New diesel engines like in the Ford Fiesta are considered to have almost zero
carbon emissions, in the UK they don't require road tax IIRC because they're
considered equivalent in emissions to an all electric vehicle.

Diesel's main problem is that it releases particulate emissions (unburned
carbon), however in most new diesels these are handled by autoregenerating
filters (they clog up with soot until saturation point and then quite
literally set on fire, burning the soot efficiently and cleanly and leaving a
clean filter). However, synthetic diesel (which is produced more directly from
biomaterials than oil production and ethanol production, incidentally making
synthetic diesel more environmentally friendly than biodiesel and ethanol
replacement gasoline) produces 30% less particulates, so not only is it more
environmental to produce, but it's more environmental to burn. Biodiesel is
better to burn on the carbon front, however the nitrogen oxides they release
are far harder to deal with than soot (IE your maintenance would require
replacing filters, instead of the autoregenerating filters for standard
diesels) and they still produce soot (so you'd need the autoregenerating
filters anyway, so why pay for both on a new engine?).

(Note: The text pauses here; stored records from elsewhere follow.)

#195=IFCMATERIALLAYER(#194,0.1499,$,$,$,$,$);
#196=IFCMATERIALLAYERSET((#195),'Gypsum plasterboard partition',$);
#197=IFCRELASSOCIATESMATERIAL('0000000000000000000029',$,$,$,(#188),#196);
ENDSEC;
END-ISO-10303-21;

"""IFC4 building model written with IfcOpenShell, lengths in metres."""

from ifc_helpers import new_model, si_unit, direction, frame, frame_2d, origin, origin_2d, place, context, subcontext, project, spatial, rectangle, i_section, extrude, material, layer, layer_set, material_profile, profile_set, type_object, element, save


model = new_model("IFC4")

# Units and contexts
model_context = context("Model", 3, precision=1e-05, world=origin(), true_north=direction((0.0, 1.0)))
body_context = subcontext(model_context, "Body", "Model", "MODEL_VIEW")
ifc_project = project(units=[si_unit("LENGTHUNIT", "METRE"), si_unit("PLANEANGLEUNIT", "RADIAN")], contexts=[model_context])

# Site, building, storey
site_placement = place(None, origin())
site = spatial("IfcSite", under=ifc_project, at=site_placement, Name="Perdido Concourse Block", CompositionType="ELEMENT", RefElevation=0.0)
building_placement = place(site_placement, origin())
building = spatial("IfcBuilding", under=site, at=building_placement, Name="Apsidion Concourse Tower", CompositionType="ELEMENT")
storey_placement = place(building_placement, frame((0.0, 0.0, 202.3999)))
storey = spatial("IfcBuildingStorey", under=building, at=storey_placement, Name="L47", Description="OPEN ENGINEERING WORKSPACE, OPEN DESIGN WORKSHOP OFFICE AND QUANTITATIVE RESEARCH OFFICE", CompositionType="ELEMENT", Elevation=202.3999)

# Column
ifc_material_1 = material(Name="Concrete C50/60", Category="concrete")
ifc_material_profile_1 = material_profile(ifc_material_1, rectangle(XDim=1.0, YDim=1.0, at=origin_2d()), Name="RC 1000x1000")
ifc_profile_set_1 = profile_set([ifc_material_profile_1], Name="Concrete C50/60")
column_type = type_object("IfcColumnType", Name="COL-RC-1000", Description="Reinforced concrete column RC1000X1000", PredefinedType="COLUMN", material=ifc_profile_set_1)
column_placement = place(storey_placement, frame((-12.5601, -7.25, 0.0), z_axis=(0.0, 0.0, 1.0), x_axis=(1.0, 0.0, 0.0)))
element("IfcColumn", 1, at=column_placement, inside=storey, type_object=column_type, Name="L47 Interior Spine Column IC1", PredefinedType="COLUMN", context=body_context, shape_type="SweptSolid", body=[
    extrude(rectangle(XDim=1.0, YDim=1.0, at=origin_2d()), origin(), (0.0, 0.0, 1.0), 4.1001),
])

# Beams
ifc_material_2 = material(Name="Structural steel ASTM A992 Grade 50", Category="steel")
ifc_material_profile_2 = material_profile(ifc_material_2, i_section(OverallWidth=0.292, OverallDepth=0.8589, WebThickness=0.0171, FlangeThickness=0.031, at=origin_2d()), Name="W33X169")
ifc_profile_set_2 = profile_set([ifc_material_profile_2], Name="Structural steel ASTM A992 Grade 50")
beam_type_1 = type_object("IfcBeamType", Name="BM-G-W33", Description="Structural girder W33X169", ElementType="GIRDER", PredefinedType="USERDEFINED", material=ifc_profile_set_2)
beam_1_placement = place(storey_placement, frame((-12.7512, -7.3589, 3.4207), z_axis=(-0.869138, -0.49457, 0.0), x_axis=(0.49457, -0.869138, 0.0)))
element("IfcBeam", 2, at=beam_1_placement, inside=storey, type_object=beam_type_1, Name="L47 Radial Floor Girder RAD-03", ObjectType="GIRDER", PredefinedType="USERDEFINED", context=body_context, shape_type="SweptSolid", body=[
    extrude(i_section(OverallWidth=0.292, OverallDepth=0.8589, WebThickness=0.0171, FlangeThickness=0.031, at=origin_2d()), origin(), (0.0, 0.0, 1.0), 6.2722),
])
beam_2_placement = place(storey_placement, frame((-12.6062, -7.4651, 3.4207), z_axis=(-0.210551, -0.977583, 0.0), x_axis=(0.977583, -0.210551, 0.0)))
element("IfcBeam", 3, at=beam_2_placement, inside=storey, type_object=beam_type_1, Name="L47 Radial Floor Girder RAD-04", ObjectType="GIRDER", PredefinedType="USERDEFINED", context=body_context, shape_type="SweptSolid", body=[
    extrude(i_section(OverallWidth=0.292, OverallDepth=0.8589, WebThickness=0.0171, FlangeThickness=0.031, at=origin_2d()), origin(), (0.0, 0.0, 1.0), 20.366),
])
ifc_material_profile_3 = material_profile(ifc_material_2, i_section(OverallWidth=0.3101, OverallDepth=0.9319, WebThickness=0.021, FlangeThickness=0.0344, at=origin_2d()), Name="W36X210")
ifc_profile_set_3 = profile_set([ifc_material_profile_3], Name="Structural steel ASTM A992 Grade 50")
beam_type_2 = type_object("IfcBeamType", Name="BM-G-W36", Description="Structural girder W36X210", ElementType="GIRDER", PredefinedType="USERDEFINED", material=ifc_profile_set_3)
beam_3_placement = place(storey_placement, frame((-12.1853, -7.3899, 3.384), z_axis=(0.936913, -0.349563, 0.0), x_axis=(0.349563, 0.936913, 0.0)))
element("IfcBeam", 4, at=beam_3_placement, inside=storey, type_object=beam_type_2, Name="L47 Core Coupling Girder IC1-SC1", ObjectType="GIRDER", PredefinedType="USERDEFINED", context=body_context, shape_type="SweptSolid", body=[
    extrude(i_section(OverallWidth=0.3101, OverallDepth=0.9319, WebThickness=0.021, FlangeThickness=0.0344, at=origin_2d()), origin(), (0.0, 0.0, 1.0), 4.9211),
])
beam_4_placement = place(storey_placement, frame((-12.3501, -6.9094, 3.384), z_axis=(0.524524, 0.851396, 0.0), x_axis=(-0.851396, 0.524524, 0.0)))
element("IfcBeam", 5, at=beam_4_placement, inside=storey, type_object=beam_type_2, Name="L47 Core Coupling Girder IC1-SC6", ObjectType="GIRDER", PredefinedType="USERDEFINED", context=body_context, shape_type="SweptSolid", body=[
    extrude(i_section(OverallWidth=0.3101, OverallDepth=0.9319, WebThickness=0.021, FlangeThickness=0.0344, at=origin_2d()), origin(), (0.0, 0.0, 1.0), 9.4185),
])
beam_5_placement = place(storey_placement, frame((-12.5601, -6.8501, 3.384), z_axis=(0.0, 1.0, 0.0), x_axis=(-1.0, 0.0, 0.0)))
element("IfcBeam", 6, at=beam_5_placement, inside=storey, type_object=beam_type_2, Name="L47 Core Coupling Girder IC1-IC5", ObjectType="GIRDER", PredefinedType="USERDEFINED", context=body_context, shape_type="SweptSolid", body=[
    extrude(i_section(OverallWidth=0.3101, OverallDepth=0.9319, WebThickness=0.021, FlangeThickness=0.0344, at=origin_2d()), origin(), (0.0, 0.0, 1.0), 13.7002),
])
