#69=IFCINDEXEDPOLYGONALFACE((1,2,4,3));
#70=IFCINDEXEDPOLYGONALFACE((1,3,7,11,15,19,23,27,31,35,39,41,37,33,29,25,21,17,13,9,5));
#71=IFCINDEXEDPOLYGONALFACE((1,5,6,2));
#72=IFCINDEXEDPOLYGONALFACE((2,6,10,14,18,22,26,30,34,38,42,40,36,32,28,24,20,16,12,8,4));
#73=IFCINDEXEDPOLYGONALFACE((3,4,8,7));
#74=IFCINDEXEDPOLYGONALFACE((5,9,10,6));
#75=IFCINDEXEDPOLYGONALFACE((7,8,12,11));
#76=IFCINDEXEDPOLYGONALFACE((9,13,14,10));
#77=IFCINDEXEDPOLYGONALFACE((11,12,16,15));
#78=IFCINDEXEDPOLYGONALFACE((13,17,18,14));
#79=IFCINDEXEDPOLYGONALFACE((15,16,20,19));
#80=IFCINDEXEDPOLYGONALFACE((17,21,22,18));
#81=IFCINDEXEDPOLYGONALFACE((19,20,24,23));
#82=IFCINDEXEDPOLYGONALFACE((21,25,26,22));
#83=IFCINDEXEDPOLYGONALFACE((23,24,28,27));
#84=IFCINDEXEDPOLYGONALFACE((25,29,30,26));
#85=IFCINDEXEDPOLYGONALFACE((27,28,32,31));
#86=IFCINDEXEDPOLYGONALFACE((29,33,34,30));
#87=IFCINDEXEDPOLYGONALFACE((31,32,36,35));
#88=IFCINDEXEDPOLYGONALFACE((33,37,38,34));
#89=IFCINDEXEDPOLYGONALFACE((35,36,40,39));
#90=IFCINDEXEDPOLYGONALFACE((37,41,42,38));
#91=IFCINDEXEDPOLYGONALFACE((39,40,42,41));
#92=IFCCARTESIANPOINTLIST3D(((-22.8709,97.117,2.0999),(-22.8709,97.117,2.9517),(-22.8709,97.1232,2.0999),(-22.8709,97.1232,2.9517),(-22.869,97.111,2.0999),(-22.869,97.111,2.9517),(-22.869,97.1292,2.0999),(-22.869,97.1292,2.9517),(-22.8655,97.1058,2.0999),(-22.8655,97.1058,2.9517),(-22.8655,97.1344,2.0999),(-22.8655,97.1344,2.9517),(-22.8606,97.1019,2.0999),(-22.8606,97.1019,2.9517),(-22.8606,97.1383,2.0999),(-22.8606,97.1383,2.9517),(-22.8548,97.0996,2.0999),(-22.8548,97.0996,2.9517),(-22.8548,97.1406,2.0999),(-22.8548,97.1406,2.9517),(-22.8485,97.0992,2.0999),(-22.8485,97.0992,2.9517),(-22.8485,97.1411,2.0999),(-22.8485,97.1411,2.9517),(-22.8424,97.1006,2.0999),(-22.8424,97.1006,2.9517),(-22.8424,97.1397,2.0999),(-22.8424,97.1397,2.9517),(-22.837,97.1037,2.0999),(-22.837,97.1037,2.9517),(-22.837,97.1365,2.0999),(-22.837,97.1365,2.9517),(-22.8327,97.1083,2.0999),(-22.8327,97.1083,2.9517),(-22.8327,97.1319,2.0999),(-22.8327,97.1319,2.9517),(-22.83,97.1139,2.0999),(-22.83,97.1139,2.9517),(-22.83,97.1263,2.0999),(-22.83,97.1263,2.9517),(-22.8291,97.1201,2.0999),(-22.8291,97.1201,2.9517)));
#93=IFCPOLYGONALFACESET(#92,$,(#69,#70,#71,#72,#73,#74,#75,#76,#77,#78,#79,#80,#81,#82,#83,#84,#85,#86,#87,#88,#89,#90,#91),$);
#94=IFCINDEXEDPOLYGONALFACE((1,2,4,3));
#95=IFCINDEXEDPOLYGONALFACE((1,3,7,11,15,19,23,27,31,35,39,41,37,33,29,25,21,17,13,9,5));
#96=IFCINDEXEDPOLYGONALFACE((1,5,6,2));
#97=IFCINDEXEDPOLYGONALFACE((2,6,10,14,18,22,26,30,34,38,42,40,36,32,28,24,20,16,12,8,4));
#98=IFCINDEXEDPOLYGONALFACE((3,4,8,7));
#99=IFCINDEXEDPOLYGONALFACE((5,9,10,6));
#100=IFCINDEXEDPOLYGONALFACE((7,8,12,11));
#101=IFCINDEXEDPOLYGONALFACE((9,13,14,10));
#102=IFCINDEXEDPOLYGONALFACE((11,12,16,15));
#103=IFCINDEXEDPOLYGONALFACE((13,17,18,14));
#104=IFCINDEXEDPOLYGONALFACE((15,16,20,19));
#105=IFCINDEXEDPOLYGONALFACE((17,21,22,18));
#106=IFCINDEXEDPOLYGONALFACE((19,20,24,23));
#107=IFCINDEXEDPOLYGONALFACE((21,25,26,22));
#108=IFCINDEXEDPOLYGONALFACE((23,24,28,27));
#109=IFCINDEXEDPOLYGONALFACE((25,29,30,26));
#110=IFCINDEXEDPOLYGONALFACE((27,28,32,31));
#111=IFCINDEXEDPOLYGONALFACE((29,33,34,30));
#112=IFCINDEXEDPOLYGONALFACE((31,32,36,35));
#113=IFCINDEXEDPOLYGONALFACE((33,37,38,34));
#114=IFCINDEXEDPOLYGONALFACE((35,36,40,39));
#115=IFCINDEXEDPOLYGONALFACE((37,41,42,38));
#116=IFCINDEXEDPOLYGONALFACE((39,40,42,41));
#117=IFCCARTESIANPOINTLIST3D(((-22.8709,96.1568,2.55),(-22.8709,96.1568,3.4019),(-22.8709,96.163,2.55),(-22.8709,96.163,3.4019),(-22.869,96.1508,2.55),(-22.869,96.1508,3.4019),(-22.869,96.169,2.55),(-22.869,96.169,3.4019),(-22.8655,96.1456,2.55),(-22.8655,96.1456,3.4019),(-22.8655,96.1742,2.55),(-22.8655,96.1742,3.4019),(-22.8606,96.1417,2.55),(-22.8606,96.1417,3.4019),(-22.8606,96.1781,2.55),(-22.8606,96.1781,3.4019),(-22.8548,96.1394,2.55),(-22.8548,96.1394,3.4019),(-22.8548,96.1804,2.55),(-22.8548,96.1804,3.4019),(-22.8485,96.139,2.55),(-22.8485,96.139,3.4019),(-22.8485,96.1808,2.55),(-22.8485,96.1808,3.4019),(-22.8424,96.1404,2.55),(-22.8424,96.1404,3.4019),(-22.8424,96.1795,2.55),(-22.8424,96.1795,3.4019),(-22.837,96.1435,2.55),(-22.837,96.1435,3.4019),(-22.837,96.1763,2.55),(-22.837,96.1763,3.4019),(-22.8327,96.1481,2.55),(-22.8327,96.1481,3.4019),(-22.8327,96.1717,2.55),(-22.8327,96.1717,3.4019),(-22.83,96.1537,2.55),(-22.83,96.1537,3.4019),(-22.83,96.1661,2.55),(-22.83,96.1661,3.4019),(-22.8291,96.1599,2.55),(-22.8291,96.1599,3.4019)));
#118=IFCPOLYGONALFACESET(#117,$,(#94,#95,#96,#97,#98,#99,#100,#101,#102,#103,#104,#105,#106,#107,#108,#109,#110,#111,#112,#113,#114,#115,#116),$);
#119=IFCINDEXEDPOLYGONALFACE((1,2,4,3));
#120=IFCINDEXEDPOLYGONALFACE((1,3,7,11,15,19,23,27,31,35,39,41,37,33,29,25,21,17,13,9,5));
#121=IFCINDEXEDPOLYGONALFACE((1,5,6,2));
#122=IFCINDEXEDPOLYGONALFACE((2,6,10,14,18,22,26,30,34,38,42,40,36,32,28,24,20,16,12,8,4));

Diesel is a lot cleaner, and can now easily perform sub-zero starts as a lot
of new engines are coming with engine-block heaters (even gasoline engines are
coming with this option now, both for efficiency and emission reasons, but
also because in the far north gasoline fails just as easily as diesel). This
is to increase the efficiency of the engine, but it also dramatically extends
the lifespan as an engine wears most when cold.

Edit: I forgot to add two reasons why diesels are often liked in Europe. #1 is
that they're more reliable, they have no electrical system (no spark plugs),
so even when the starter motor fails or you have a flat battery, you'll never
need a jump start, you just need a push. They require a rebuild generally
after 250,000 miles, while a gasoline will require a rebuild between 100,000
and 150,000 miles.

#2 They now commonly come turbocharged, and now a lot are coming supercharged
as well. This enables many diesels to outperform larger gasoline engines in
both power and speed, but they also come with a better power-to-weight ratio
than gasoline engines, in fact the highest power-to-weight ratio in the world
(IIRC) is a V8 diesel.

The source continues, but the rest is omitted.